ADAKVEO

Crizanlizumab-tmca is a P-selectin blocker humanized IgG2 kappa monoclonal antibody that binds to P-selectin. Crizanlizumab-tmca is produced using recombinant DNA technology in Chinese hamster ovary (CHO) cells. It is composed of 2 heavy chains, each containing 448 amino acids, and 2 light chains each containing 218 amino acids, with a theoretical molecular weight of approximately 146 kDa. ADAKVEO (crizanlizumab-tmca) injection is supplied as a sterile, preservative-free, clear to opalescent, colorless to slightly brownish-yellow solution for dilution and subsequent administration by intravenous infusion. Each 10 mL vial contains 100 mg crizanlizumab-tmca, citric acid (5.4 mg), polysorbate 80 (2 mg), sodium citrate (50.5 mg), sucrose (753.3 mg), and water for injection with a pH of 6.

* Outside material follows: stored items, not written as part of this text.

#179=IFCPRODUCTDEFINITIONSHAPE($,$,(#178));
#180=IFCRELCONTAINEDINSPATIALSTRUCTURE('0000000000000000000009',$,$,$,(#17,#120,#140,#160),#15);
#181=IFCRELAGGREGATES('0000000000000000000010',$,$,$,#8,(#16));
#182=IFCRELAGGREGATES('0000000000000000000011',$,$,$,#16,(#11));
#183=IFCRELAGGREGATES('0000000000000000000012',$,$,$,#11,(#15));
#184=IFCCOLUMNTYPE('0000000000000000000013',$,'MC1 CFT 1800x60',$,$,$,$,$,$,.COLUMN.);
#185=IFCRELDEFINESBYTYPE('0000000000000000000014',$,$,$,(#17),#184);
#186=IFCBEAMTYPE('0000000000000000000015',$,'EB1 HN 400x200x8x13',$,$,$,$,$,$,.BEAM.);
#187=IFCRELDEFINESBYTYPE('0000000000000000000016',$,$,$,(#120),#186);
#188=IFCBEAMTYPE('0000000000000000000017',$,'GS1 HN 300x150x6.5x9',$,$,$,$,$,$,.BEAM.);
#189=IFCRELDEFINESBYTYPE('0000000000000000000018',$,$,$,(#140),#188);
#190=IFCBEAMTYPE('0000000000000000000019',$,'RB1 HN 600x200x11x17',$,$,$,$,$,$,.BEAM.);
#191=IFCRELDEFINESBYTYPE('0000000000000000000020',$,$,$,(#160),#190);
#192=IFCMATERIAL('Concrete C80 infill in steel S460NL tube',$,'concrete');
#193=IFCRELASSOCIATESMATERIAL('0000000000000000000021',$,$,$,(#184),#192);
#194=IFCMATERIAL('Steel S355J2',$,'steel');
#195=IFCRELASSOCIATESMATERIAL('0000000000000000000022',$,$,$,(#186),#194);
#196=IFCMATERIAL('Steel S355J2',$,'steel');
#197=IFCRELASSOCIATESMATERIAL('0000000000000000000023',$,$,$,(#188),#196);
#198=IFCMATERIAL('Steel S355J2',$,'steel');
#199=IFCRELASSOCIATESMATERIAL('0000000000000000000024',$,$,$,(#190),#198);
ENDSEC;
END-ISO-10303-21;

ADAKVEO ® is indicated to reduce the frequency of vaso-occlusive crises (VOCs) in adults and pediatric patients aged 16 years and older with sickle cell disease. ADAKVEO is a selectin blocker indicated to reduce the frequency of vasoocclusive crises in adults and pediatric patients aged 16 years and older with sickle cell disease.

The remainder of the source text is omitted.